I love the idea of a clean looking theater with no equipment showing but I'm wondering if anyone regrets having their equipment in a separate closet or room? I don't want to spend a lot of money on IR equipment either so I'd like it to be fairly simple. I was looking at the Harmony Ultimate Hub to utilize my phone and tablet but not sure how effective this is. I appreciate all feedback and thanks for listening.


----------



## ALMFamily (Oct 19, 2011)

I put my equipment all in a closet in the rear of the room as I, like you, wanted to keep the screen wall as clean as possible. Now that I have been using it this way for a while, I would still do it the same way. The only thing I would have done differently is to give myself even more conduit to the front wall area for connections.

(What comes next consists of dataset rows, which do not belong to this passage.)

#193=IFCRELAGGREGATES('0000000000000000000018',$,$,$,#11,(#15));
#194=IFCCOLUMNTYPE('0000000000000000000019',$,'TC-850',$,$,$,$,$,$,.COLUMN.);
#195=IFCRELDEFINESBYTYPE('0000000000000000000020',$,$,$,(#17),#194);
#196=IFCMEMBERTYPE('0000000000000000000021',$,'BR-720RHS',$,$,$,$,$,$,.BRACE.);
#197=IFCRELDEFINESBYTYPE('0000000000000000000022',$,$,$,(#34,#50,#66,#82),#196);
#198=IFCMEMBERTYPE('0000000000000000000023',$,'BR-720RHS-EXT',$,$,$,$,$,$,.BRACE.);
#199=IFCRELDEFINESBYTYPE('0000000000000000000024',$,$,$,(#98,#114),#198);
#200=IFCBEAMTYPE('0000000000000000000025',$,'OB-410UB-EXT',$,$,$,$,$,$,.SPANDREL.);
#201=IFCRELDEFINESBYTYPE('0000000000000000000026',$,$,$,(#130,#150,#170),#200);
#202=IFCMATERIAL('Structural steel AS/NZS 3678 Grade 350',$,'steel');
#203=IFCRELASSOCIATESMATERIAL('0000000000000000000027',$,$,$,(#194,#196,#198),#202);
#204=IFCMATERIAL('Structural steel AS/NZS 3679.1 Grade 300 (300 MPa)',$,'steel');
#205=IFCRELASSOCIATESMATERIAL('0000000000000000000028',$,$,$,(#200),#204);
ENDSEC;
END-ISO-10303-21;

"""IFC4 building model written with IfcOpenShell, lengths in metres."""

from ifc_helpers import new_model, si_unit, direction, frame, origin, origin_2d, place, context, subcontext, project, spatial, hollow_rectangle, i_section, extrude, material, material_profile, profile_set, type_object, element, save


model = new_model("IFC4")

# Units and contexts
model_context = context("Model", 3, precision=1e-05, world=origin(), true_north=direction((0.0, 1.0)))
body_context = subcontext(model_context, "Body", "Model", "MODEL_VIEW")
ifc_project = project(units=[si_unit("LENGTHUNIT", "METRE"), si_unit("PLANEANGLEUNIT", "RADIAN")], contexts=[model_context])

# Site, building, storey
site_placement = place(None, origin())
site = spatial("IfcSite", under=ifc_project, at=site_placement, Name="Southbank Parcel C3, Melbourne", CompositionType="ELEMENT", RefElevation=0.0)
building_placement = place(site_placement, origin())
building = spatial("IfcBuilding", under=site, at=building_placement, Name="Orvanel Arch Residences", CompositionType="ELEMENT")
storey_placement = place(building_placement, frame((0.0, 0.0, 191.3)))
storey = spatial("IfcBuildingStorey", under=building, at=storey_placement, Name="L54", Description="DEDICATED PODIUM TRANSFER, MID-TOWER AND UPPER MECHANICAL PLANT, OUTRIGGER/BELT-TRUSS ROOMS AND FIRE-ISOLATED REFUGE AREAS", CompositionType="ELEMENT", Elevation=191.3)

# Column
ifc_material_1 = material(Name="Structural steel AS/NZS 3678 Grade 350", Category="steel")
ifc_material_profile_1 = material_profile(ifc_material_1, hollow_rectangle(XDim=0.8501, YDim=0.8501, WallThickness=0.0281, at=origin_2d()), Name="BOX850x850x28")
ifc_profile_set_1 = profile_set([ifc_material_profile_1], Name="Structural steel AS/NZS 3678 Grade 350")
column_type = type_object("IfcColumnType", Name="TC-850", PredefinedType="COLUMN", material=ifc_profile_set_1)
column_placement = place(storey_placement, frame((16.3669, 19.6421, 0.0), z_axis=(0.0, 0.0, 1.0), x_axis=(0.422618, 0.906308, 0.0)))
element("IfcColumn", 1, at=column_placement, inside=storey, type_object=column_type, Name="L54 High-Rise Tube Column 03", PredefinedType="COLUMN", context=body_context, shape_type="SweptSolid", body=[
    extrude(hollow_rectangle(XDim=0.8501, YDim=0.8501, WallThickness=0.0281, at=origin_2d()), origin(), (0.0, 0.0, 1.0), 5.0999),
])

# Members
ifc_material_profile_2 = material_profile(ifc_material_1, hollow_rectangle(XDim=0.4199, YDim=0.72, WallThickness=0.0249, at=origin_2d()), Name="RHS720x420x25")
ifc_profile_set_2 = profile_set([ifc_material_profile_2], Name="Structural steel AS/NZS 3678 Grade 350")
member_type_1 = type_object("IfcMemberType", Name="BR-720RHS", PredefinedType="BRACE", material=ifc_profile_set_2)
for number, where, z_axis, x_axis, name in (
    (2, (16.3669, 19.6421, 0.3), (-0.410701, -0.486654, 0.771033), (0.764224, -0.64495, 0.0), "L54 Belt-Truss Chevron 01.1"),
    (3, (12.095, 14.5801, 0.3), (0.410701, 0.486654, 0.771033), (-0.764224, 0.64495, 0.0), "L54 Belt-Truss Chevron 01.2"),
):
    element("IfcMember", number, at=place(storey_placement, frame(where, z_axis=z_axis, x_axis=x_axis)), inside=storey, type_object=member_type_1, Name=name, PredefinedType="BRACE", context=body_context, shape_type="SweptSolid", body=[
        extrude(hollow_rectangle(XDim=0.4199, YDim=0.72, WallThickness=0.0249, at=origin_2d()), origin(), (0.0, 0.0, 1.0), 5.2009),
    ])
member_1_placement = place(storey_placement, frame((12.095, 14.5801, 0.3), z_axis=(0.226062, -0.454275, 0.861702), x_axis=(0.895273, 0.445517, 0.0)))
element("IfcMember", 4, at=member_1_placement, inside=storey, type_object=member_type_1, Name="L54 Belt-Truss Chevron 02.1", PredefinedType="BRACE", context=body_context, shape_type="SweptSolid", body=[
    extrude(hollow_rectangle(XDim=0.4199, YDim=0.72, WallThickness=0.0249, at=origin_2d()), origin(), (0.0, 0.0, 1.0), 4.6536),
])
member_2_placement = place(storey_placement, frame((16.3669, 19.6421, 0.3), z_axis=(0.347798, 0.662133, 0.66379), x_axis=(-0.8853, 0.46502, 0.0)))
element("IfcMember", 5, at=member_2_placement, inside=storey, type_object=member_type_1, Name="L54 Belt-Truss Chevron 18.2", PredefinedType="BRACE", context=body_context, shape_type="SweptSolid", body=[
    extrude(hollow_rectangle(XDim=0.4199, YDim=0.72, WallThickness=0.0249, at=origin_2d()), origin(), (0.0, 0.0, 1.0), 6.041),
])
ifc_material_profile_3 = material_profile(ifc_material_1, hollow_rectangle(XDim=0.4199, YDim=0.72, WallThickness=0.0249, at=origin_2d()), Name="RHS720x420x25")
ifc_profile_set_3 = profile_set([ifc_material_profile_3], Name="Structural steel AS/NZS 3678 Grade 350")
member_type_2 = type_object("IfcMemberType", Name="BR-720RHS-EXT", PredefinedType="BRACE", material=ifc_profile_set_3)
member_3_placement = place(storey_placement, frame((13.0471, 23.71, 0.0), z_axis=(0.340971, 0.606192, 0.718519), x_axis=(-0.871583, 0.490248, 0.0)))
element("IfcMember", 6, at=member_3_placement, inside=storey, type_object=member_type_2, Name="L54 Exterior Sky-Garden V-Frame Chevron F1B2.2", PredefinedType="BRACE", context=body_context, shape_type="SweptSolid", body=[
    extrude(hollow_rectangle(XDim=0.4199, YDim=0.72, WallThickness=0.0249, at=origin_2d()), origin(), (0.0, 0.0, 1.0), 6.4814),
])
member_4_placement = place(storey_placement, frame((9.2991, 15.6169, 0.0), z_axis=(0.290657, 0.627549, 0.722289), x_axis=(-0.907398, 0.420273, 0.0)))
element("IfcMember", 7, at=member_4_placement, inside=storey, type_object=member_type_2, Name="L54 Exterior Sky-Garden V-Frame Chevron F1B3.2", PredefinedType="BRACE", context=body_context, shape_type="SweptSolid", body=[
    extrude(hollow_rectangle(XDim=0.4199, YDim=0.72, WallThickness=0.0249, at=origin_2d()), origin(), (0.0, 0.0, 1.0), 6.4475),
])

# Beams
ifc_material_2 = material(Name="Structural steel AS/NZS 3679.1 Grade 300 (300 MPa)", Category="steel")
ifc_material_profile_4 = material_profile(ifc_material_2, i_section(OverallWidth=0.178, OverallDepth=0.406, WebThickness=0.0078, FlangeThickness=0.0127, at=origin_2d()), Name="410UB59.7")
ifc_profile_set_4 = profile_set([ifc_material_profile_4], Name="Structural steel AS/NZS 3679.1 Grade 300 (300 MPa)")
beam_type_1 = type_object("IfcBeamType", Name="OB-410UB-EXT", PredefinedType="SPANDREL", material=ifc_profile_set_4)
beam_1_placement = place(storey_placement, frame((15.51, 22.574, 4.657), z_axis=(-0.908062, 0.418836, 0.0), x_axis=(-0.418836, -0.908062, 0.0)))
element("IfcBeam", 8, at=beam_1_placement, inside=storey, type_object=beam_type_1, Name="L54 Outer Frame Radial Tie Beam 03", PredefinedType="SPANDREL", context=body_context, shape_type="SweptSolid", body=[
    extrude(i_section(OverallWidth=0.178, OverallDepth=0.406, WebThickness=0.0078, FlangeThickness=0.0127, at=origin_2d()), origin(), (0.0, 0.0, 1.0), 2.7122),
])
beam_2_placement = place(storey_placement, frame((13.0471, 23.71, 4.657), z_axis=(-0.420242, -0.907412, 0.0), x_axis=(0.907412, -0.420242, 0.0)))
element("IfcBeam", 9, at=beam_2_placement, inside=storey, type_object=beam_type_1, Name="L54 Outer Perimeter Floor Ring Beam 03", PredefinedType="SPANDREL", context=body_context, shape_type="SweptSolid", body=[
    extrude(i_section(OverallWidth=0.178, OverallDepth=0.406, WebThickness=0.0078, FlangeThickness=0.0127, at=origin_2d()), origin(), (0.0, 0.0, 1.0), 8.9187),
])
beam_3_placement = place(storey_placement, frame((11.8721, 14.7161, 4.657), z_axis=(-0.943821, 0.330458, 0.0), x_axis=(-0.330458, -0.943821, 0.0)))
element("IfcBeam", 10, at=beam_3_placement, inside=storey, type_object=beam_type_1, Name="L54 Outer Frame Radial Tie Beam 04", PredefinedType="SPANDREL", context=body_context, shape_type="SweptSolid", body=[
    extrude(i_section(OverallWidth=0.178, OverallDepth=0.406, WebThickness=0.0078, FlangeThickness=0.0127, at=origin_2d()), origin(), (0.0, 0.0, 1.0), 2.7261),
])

As far as running everything, have you considered iRule? If you have an iPad already, your cost would be around $350 and you would have the flexibility to create the interface however you wanted. That's the option I went with, and I really like the interface.


----------



## hockeypucks (Aug 16, 2013)

Thanks for the input. I want to make sure I have enough conduit so I've been thinking of ways to ensure I have it all in the right spots. I don't have an ipad or anything apple for that matter. I'm an Android guy  But I believe there are similar programs out there for me as well. Thanks again for responding, have a good one


----------



## ALMFamily (Oct 19, 2011)

hockeypucks said:


> Thanks for the input. I want to make sure I have enough conduit so I've been thinking of ways to ensure I have it all in the right spots. I don't have an ipad or anything apple for that matter. I'm an Android guy  But I believe there are similar programs out there for me as well. Thanks again for responding, have a good one


If memory serves, iRule supports android devices as well. I am pretty sure I put a few screen shots in my iRule thread of some of my initial screens, and I can try to get the revamped ones loaded up if you are interested.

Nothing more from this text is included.